La storia è fatta di attimi ma oggi con uno dei tanti anglicismi diremmo frame. Così le immagini di vent’anni fa, quegli aerei che si schiantavano nel World Trade Center, le trasmissioni televisive interrotte per permettere ai telegiornali di raccontare quanto accadeva, resteranno per sempre nella memoria collettiva. Quelle scene, viste e riviste, hanno permesso nell’immaginario collettivo di visualizzare da una parte il dolore dall’altra il nemico. I Talebani vent’anni fa erano gli antagonisti del Pianeta, le loro immagini venivano passate di notiziario in notiziario, barbe lunghe, turbanti e mitra a tracolla, il pubblico sapeva da chi doversi difendere. Così quell’11 settembre è passato alla storia come un torto a cui bisognava inderogabilmente rispondere.

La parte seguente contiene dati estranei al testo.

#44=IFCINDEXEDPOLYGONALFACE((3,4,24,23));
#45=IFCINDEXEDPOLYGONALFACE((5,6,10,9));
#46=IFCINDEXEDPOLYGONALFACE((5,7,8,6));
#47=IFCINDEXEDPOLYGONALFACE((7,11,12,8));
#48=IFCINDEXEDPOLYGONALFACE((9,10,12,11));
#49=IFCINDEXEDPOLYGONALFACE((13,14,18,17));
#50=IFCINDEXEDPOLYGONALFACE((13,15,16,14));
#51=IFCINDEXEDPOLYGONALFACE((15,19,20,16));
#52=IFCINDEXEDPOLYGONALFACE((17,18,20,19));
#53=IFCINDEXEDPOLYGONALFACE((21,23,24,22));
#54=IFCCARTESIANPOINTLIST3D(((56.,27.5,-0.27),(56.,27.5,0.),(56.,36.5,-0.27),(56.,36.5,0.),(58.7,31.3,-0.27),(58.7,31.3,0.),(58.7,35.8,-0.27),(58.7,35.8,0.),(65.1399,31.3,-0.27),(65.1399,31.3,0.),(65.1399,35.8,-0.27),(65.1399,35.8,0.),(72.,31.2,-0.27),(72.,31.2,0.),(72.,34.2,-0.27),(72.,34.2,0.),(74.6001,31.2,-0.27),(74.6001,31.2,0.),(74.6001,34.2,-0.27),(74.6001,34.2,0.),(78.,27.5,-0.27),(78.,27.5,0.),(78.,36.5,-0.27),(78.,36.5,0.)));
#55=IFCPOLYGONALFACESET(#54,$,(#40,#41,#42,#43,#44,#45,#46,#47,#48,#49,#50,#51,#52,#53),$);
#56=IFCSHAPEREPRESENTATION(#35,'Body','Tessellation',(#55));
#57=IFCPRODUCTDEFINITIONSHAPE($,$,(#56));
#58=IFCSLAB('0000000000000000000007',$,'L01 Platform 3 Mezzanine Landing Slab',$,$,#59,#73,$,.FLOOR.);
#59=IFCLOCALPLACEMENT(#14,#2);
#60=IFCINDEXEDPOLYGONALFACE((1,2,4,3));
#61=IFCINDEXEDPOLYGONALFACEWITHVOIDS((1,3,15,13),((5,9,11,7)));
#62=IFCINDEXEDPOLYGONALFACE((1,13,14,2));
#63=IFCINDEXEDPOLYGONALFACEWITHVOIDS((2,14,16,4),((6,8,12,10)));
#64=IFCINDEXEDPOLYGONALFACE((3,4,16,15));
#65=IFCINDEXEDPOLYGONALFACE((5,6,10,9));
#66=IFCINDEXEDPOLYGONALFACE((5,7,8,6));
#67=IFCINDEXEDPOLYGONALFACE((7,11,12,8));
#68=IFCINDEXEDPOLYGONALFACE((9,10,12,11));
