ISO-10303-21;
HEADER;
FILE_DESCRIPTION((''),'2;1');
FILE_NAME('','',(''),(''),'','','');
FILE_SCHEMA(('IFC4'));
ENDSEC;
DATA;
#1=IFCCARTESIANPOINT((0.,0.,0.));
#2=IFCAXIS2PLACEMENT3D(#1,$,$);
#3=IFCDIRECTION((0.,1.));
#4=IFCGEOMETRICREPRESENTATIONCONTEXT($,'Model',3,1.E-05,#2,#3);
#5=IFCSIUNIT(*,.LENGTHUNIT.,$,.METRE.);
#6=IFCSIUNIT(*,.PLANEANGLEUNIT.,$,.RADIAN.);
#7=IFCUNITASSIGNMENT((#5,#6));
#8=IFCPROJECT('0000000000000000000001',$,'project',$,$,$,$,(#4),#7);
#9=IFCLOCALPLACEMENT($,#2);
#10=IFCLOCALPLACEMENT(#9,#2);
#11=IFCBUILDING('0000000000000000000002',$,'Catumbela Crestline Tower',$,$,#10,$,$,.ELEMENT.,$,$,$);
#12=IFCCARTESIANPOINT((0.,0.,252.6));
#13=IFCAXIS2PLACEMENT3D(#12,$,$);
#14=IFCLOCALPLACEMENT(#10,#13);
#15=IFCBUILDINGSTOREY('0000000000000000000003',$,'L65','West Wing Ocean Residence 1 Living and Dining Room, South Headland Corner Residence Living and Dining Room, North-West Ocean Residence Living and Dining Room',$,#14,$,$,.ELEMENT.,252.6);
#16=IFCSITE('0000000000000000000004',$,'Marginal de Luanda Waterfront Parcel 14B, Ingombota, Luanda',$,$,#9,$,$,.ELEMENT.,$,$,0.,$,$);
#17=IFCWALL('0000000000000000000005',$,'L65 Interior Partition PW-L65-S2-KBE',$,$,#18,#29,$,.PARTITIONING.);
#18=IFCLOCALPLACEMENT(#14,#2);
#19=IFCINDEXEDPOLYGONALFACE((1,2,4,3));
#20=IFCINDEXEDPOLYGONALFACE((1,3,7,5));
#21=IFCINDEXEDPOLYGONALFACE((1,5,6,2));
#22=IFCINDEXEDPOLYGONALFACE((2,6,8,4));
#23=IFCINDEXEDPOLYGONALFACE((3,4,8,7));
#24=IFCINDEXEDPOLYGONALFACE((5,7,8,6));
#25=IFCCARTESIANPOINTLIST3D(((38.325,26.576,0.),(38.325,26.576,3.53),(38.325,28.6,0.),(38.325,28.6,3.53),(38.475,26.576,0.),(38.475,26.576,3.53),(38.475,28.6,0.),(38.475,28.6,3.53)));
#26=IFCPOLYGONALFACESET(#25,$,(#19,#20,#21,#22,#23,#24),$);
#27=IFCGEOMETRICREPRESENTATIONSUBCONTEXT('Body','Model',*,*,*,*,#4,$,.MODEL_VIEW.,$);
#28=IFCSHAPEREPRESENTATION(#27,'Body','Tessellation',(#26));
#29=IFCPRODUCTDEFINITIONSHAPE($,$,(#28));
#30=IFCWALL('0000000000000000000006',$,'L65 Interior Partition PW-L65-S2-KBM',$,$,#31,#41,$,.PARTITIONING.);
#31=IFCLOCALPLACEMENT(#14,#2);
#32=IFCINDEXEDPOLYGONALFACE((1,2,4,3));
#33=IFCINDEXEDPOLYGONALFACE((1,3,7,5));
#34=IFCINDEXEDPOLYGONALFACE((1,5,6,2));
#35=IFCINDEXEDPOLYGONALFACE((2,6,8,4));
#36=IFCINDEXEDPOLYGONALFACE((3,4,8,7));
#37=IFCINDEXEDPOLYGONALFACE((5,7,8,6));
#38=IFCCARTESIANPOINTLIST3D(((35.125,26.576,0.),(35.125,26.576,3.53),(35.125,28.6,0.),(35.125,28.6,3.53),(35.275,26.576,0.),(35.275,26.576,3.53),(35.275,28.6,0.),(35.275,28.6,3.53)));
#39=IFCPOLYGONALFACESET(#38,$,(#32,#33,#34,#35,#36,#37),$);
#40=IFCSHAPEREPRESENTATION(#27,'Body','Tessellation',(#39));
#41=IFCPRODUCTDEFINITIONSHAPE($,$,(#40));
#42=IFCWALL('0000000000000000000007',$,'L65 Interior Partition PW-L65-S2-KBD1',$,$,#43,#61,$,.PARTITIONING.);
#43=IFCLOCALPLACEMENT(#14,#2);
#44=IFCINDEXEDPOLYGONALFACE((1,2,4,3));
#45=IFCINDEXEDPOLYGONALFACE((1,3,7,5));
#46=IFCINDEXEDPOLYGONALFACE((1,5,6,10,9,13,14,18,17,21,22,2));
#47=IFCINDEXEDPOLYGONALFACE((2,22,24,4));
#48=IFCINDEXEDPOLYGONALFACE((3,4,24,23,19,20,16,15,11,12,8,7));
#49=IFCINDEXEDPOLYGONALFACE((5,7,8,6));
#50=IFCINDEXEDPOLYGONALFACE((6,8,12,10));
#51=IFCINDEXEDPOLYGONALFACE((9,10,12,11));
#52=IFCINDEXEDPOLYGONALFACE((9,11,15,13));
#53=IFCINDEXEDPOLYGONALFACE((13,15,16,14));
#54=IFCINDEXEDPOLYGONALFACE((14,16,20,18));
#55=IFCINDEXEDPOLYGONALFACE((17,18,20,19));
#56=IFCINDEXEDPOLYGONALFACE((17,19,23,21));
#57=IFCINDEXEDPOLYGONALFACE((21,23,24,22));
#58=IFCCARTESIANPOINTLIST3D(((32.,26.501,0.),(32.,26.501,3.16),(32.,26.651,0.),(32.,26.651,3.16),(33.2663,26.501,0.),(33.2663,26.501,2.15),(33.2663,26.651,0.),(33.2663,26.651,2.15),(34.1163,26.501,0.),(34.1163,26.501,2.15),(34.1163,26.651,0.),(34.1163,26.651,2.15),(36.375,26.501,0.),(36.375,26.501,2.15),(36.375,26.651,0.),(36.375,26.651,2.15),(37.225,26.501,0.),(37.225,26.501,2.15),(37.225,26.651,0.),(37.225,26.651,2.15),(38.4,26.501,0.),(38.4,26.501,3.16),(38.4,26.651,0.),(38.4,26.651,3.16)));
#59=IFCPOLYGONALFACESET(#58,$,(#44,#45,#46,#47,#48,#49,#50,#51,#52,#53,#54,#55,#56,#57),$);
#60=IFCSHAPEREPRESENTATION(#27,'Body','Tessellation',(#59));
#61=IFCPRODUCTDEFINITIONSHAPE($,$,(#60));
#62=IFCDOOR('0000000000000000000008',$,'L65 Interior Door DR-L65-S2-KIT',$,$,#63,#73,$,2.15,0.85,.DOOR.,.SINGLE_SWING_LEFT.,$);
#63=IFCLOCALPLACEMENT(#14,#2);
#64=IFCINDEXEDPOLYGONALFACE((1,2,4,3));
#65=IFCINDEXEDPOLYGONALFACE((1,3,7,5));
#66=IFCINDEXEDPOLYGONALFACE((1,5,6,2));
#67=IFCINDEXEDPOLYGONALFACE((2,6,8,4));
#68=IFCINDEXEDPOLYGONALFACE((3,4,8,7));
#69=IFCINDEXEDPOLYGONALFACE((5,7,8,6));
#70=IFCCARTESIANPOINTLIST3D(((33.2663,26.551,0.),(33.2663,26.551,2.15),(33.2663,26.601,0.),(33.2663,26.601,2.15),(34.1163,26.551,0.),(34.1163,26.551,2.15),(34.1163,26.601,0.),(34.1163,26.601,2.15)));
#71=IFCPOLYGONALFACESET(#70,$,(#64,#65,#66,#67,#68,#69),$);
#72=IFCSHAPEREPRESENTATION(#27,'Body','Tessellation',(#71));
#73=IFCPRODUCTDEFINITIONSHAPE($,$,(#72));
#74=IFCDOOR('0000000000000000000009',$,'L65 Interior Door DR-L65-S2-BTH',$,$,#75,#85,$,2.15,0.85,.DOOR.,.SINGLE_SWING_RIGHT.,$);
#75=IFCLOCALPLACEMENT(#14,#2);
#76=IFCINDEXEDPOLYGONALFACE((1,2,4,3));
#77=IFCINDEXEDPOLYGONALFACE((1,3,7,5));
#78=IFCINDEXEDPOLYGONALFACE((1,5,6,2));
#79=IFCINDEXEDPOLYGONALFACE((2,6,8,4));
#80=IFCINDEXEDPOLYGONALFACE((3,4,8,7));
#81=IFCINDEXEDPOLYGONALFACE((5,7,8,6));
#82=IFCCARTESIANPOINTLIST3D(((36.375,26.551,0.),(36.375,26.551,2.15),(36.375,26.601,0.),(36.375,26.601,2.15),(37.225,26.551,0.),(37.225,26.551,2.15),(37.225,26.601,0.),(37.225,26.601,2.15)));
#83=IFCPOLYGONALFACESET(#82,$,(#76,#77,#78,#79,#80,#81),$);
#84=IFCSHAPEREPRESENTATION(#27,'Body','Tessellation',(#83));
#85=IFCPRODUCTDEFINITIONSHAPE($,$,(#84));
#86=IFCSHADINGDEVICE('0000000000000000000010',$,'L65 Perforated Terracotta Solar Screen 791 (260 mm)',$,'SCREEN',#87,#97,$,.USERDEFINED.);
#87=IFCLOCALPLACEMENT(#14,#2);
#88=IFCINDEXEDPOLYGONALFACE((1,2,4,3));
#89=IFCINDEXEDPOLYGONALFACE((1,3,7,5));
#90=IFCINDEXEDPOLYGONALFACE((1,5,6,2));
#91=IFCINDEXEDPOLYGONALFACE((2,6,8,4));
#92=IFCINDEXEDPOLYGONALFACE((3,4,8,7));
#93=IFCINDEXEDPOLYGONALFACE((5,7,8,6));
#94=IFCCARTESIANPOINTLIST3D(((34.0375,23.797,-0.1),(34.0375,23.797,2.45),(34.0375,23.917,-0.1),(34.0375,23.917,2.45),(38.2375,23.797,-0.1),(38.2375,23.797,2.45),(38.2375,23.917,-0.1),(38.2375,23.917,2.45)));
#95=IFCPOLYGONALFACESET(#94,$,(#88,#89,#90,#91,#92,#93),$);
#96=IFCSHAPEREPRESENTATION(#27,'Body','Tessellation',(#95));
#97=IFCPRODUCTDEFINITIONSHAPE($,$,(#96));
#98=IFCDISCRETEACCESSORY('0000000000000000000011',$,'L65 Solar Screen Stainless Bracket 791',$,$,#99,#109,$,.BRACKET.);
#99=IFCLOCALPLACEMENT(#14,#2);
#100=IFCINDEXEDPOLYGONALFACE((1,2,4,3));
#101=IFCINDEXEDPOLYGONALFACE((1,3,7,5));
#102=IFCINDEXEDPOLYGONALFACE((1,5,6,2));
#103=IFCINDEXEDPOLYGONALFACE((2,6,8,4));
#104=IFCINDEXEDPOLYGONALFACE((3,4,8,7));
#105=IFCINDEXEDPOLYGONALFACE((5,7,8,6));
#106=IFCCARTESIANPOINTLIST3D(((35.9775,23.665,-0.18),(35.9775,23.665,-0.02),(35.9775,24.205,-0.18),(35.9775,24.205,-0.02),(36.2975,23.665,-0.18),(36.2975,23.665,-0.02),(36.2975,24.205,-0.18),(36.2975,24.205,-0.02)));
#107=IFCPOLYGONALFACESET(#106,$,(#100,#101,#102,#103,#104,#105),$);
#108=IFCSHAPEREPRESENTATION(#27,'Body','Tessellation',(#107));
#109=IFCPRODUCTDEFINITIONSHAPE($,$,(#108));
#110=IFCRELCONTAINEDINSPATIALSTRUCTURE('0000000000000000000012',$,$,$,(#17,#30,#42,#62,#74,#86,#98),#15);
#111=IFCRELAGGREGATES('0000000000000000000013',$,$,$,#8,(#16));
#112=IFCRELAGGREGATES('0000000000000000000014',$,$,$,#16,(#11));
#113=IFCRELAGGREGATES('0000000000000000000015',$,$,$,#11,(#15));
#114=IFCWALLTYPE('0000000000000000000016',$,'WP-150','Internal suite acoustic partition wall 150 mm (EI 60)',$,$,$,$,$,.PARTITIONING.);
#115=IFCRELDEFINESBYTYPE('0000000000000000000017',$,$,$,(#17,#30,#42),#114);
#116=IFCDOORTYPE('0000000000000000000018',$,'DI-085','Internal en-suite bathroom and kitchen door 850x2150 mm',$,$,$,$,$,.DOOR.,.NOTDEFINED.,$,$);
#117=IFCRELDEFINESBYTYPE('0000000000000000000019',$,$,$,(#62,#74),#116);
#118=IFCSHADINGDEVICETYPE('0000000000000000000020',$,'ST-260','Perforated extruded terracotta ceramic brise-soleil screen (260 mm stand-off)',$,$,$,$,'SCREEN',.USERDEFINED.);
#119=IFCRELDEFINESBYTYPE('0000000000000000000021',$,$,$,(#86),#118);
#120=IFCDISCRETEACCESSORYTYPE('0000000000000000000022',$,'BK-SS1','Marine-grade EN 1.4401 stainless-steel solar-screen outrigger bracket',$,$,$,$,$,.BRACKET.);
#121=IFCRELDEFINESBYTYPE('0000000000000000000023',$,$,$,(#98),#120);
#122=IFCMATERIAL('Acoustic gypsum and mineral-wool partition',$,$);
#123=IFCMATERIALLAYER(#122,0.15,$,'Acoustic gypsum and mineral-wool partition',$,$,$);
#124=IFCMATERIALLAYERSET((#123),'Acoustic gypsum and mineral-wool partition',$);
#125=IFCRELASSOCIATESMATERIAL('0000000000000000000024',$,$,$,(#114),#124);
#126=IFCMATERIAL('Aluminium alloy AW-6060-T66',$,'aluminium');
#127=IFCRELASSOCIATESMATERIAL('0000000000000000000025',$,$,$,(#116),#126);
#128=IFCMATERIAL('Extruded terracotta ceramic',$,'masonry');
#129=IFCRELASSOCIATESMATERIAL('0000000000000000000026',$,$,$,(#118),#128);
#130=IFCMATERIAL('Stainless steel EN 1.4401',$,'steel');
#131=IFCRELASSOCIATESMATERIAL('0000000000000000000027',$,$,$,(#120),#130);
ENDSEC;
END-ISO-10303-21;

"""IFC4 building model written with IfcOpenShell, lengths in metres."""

from ifc_helpers import new_model, si_unit, direction, frame, frame_2d, origin, origin_2d, place, context, subcontext, project, spatial, rectangle, extrude, material, layer, layer_set, type_object, element, fill, save


model = new_model("IFC4")

# Units and contexts
model_context = context("Model", 3, precision=1e-05, world=origin(), true_north=direction((0.0, 1.0)))
body_context = subcontext(model_context, "Body", "Model", "MODEL_VIEW")
ifc_project = project(units=[si_unit("LENGTHUNIT", "METRE"), si_unit("PLANEANGLEUNIT", "RADIAN")], contexts=[model_context])

# Site, building, storey
site_placement = place(None, origin())
site = spatial("IfcSite", under=ifc_project, at=site_placement, Name="Marginal de Luanda Waterfront Parcel 14B, Ingombota, Luanda", CompositionType="ELEMENT", RefElevation=0.0)
building_placement = place(site_placement, origin())
building = spatial("IfcBuilding", under=site, at=building_placement, Name="Catumbela Crestline Tower", CompositionType="ELEMENT")
storey_placement = place(building_placement, frame((0.0, 0.0, 252.6)))
storey = spatial("IfcBuildingStorey", under=building, at=storey_placement, Name="L65", Description="West Wing Ocean Residence 1 Living and Dining Room, South Headland Corner Residence Living and Dining Room, North-West Ocean Residence Living and Dining Room", CompositionType="ELEMENT", Elevation=252.6)

# Shared definitions
ifc_material_1 = material(Name="Aluminium alloy AW-6060-T66", Category="aluminium")

# Walls
ifc_material_2 = material(Name="Acoustic gypsum and mineral-wool partition")
ifc_layer_1 = layer(ifc_material_2, 0.15, Name="Acoustic gypsum and mineral-wool partition")
ifc_layer_set_1 = layer_set([ifc_layer_1], Name="Acoustic gypsum and mineral-wool partition")
wall_type_1 = type_object("IfcWallType", Name="WP-150", Description="Internal suite acoustic partition wall 150 mm (EI 60)", PredefinedType="PARTITIONING", material=ifc_layer_set_1)
for number, where, z_axis, x_axis, name in (
    (1, (38.4, 26.576, 0.0), (0.0, 0.0, 1.0), (0.0, 1.0, 0.0), "L65 Interior Partition PW-L65-S2-KBE"),
    (2, (35.2, 26.576, 0.0), (0.0, 0.0, 1.0), (0.0, 1.0, 0.0), "L65 Interior Partition PW-L65-S2-KBM"),
):
    element("IfcWall", number, at=place(storey_placement, frame(where, z_axis=z_axis, x_axis=x_axis)), inside=storey, type_object=wall_type_1, Name=name, PredefinedType="PARTITIONING", context=body_context, shape_type="SweptSolid", body=[
        extrude(rectangle(XDim=2.024, YDim=0.15, at=frame_2d((1.012, 0.0))), origin(), (0.0, 0.0, 1.0), 3.53),
    ])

Gli Stati Uniti hanno mostrato i muscoli, il popolo americano sosteneva quella guerra. La calma di George W. Bush, mentre leggeva “The Pet Goat” ai bambini di seconda elementare in una scuola, fu interrotta dal capo dello staff della Casa Bianca, Andrew Card, che gli comunicava l’accaduto. Quella stessa giornata in un discorso al Paese affermò: “vi sento, vi sento! Il resto del mondo vi sente! E la gente – e le persone che hanno buttato giù questi edifici – presto sentiranno tutti noi”. Di lì a poco l’imperativo si è fatto sempre più chiaro: “scovare Bin Laden, distruggere al-Qaida”. Così il mondo che conosciamo oggi è frutto di quella giornata, la generazione Z o i millennials non conosceranno mai la realtà prima di quell’11 settembre.
La militarizzazione della società, i controlli serrati e la paura, le conseguenti misure restrittive contro l’immigrazione, sono tutti fenomeni consequenziali che hanno spinto l’Occidente un po’ più lontano dal concetto di democrazia e tolleranza. Non a caso l’islam da quel giorno è stato percepito come religione di fanatici e sanguinari, la stampa mainstream altro non aspettava per tracciare una linea sottile tra noi e loro e attraverso la paura si sono insediati quelli che potremmo definire dei falsi miti. La campagna per giustificare l’invasione in Afghanistan e Iraq è stata costruita soprattutto sulla base delle immagini degli impiegati che si gettavano dalle torri gemelle, che poco a poco si sgretolavano.
Peccato però che durante questi vent’anni pochissime siano state le foto o i video dei sacrificabili civili afgani, dei governi rovesciati, dei 360.000 civili uccisi, dei detenuti arbitrariamente, alcuni di questi nelle carceri di Guantanamo. Per non parlare dei numeri di rifugiati che si sono prodotti in questi due decenni, del numero di giornalisti uccisi… la lista, nella forma fatta di dati, nella sostanza di persone, è lunghissima. L’effetto frisbee dell’invasione in Medio Oriente è tornato indietro alla fine, perché oltre a contare i danni lì, gli attacchi terroristici di matrice jihadista in Europa durante questi anni sono figli di quell’11 settembre. Non è un caso infatti che gli attacchi terroristici di matrice jihadista nell’ultimo decennio sono aumentati di sei volte rispetto al decennio precedente. Eccoli i prodotti di un fallimento che chiamavamo “esportazione di democrazia”, bizzarro questo concetto se ad una guerra ne rispondi con un’altra.
Le recenti immagini dei civili afgani in fuga, delle corse per aggrapparsi agli aerei che decollano, non devono sorprendere, dopo vent’anni non si è concluso un ciclo, semplicemente è visibile ad oggi un percorso fallimentare. Intanto il terrorismo oggi non si è indebolito bensì rafforzato, mentre intere generazioni in Medio Oriente vivevano sotto l’ala dell’imperialismo che comunque ha seminato terrore e odio. Non vorremmo mica dimenticare i bombardamenti a stelle e strisce in paesi in cui non c’era neanche l’ombra dei terroristi? O vorremmo omettere gli scandali che hanno coinvolto le truppe inglesi che torturavano civili in Iraq nel 2004? La narrazione tossica di questi anni ha omesso deliberatamente le brutture della guerra occidentale, nessuno ci ha bombardato con video di civili disperati, tanto meno si è fatta una campagna di informazione sul ruolo dei Paesi della NATO in Medio Oriente. Forse quello che ci resta da fare dopo vent’anni è ricostruire in maniera degna la storia, raccogliere la verità, mostrare i danni collaterali e non solo quelli che riguardano l’occidente.
“In quest’epoca di pazzi ci mancavano gli idioti dell’orrore” cantava Battiato, e purtroppo proprio orrore sembra la parola più adatta per questo ventennio.